Cuántas veces habrá sentido el buen cinéfilo , viendo una de sus
películas favoritas, o descubriéndola, en su más pura esencia, es
decir, en la pantalla grande, con la sala a oscuras, en versión
original y con subtítulos en caso de requerirlos, sienta como
aquello se va acabando, cómo el final se acerca, y tras él toca
volver a la triste realidad. Por eso las mejores películas suelen
tener finales inmejorables, de esos que te quitan el hipo, que te
dejan con una sonrisa de tonto, que te emocionan. Sus responsables
saben mejor que nadie lo que necesitan sus creaciones, y por
supuesto, que el espectador, cuando se clausure la fiesta, no se
sienta estafado, sino agradecido.
Es aquí donde el gran cine se diferencia de las series de televisión, primeramente, porque si uno piensa en la cantidad de horas que utiliza una serie en llevar las tramas, es bastante comprensible, pero sobre todo muy fácil, que el negocio se vaya de las manos a los que tienen que cerrarlo.
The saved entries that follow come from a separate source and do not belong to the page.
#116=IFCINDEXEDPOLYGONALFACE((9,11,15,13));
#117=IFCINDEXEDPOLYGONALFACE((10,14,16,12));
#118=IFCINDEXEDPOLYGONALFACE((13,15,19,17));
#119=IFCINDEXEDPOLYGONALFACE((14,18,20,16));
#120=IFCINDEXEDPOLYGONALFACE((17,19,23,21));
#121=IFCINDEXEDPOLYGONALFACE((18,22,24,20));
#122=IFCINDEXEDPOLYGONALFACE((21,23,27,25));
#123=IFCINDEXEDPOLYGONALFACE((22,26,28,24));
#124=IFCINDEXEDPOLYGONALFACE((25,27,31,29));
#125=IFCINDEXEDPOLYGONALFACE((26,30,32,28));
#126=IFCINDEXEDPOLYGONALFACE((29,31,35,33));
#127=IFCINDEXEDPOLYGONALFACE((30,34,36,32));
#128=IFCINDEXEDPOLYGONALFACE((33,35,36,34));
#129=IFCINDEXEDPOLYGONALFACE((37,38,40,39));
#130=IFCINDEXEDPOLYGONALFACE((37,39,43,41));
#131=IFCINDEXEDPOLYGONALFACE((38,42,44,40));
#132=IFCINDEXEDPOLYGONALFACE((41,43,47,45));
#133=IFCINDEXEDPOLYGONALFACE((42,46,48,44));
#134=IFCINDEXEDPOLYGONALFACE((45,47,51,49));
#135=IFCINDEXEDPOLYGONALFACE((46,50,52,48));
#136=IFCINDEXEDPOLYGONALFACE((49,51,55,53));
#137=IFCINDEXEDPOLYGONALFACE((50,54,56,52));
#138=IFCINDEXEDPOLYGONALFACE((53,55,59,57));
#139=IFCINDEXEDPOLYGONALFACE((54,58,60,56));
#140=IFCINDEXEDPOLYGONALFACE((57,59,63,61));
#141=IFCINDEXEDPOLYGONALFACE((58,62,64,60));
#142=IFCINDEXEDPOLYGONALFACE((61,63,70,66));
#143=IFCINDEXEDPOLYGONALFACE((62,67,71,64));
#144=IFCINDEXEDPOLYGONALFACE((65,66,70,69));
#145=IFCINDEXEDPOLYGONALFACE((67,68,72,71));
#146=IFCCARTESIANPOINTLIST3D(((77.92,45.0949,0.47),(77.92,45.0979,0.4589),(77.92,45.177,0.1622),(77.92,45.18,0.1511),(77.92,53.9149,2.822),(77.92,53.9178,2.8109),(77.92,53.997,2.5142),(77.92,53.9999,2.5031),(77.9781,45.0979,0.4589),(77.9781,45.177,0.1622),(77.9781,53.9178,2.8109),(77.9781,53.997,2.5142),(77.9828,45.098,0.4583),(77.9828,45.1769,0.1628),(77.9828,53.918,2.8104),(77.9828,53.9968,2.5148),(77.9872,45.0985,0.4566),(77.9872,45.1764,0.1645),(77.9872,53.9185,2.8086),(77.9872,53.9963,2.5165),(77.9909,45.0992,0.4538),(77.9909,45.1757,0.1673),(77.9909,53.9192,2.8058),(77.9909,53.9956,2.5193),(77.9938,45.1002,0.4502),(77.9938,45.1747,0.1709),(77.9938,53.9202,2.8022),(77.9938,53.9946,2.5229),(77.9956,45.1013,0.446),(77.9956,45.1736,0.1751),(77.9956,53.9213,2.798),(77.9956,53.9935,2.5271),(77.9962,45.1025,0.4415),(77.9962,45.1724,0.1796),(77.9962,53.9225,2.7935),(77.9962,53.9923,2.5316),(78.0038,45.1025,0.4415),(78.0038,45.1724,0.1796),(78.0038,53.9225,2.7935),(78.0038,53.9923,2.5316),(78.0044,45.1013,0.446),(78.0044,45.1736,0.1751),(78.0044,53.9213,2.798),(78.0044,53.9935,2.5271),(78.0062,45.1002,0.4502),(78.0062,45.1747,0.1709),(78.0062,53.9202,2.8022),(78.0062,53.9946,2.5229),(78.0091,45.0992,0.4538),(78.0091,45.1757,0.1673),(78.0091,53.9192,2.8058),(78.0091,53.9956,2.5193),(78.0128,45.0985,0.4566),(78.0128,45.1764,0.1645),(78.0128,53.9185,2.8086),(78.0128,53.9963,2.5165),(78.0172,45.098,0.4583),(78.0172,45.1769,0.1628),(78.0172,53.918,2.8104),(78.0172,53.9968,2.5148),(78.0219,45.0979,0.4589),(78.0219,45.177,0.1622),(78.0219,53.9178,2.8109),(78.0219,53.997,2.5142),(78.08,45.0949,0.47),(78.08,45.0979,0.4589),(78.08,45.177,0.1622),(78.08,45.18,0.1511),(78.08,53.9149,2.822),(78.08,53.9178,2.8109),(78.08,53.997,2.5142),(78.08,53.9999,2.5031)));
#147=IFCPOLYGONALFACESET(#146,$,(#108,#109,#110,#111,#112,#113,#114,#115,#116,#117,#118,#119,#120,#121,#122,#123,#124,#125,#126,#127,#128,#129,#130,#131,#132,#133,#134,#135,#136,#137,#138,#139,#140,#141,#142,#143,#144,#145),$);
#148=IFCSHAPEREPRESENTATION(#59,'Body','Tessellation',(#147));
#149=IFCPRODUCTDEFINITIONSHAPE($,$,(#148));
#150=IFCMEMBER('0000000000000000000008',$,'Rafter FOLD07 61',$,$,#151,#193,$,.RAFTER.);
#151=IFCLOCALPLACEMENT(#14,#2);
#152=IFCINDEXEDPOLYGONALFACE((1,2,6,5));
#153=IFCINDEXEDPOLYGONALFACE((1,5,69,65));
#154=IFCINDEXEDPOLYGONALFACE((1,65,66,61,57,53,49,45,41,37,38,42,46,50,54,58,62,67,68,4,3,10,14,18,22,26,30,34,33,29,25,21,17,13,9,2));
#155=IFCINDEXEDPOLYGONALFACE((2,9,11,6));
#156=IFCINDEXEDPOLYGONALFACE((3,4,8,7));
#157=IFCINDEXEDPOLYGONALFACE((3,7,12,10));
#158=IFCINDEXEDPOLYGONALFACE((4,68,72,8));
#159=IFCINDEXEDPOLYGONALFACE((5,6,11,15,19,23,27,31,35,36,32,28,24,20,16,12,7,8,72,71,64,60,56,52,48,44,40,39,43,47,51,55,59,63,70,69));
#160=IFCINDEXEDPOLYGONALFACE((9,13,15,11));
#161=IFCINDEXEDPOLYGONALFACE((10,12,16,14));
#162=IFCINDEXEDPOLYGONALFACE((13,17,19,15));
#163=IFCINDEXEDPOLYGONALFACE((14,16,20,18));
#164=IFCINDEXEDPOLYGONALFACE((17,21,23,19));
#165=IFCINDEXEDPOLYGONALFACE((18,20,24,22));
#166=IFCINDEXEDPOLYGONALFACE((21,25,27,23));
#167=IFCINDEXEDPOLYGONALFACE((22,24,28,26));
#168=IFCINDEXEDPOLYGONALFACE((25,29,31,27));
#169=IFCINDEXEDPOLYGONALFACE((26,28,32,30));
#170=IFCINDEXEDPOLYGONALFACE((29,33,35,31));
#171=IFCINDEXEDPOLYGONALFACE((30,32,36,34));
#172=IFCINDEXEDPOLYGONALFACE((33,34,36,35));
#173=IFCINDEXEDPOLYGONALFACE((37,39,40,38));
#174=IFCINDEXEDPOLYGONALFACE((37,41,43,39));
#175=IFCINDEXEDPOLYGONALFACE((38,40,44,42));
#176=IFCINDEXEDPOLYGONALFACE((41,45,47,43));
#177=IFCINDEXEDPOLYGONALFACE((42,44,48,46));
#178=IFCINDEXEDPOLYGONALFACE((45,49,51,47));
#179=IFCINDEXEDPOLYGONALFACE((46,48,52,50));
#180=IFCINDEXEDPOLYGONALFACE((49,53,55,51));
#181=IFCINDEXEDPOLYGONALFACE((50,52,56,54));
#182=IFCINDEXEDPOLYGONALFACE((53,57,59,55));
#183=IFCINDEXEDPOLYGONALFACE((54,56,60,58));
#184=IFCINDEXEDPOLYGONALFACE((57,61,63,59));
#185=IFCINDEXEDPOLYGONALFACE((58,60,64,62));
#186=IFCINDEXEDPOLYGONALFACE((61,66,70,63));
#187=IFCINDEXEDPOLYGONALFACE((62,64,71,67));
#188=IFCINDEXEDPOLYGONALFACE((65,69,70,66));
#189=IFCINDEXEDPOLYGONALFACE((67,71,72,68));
Terminar una serie satisfactoriamente para todos los espectadores, es algo casi imposible. Otro aspecto frecuente es que una película depende exclusivamente de la pasta que te quiera dar la productora y de la promoción que se le otorgue. Luego ya los espectadores decidimos si hay que gastarse o no el dinero en verla, pero una vez se pone en el mercado ahí se queda. Con una serie es bastante diferente, ya que si en sus primeros capítulos la audiencia no respalda el proyecto, la cadena que la emite la puede cancelar casi inmediatamente, lo cual si nos atenemos al mejor cine que se ha hecho en televisión, o sea el de la HBO, no suele ocurrir, porque es una cadena de pago que trabaja de espaldas al público, hechp que se ha convertido para muchos de nosotros en religión. Sigue el lema que decía David Simon cuando parió The Wire: "que se joda el espectador medio". No obstante, el dolor que provoca rememorar los finales de Carnivale, Deadwood o Roma, canceladas por la falta de audiencia y los grandes presupuestos que manejaban , fastidia mucho. Pero a la vez hay que agradecer a esta gente que nos hayan ofrecido los mejores westerns, peplums y cine de terror de los últimos años.
En cualquier caso, afrontar un final, como en la vida, no tiene por qué ser algo malo ni mucho menos definitivo. Es muy doloroso que acabe una serie, y más si lo hace como tú no quieres que acabe, porque tu recién adquirida orfandad no encontrará padres adoptivos que merezcan la pena. O eso nos pensamos siempre. Lo normal es que existan cosas como mínimo tan buenas como lo que acabamos de ver, y en caso xontrario, lo bueno que tiene lo audiovisual, igual que la música, la pintura, los libros, es que puede que sus autores mueran, pero sus obras son inmortales, podemos recurrir a ellas siempre que nos plazca, y los finales serán una parte más, porque sin muerte no hay vida, sin final no hay principio. Rememorar las películas o series que más me han impresionado, que me han dejado una huella imborrable y me acompañarán siempre, es como rememorar la esencia de las mismas y todo lo que conllevan.
Hablando de los autores que refería al principio, auténticos maestros, en el caso de John Ford, de sus películas icónicas el final más comentado y alabado por la crítica de siempre es el de Centauros del desierto, el lirismo de esa puerta que se cierra y que al principio de la película se abría. Es de una maestría que sobrecoge, pero su autor siempre pasó de las alabanzas de los críticos: "Solo son puertas abriéndose y cerrándose, no sé lo que dice esta gente" (esto no es literal, pero imagino a este señor pronunciar tales palabras). A la hora de contar finales (y cine en general), creo que no conozco a mejor artista de los diálogos que Billy Wilder, señor que tiene un puñado de películas perfectas, y tres que tienen un cierre incomparable, único en su especie. Son El crepúsculo de los dioses, Con faldas y a lo loco y El apartamento. Quien no las haya visto, no sé que a está esperando. Ver estas películas en un cine, a ser posible en sesión continua, tiene que ser algo cercano a esa idea tan etérea que llaman felicidad.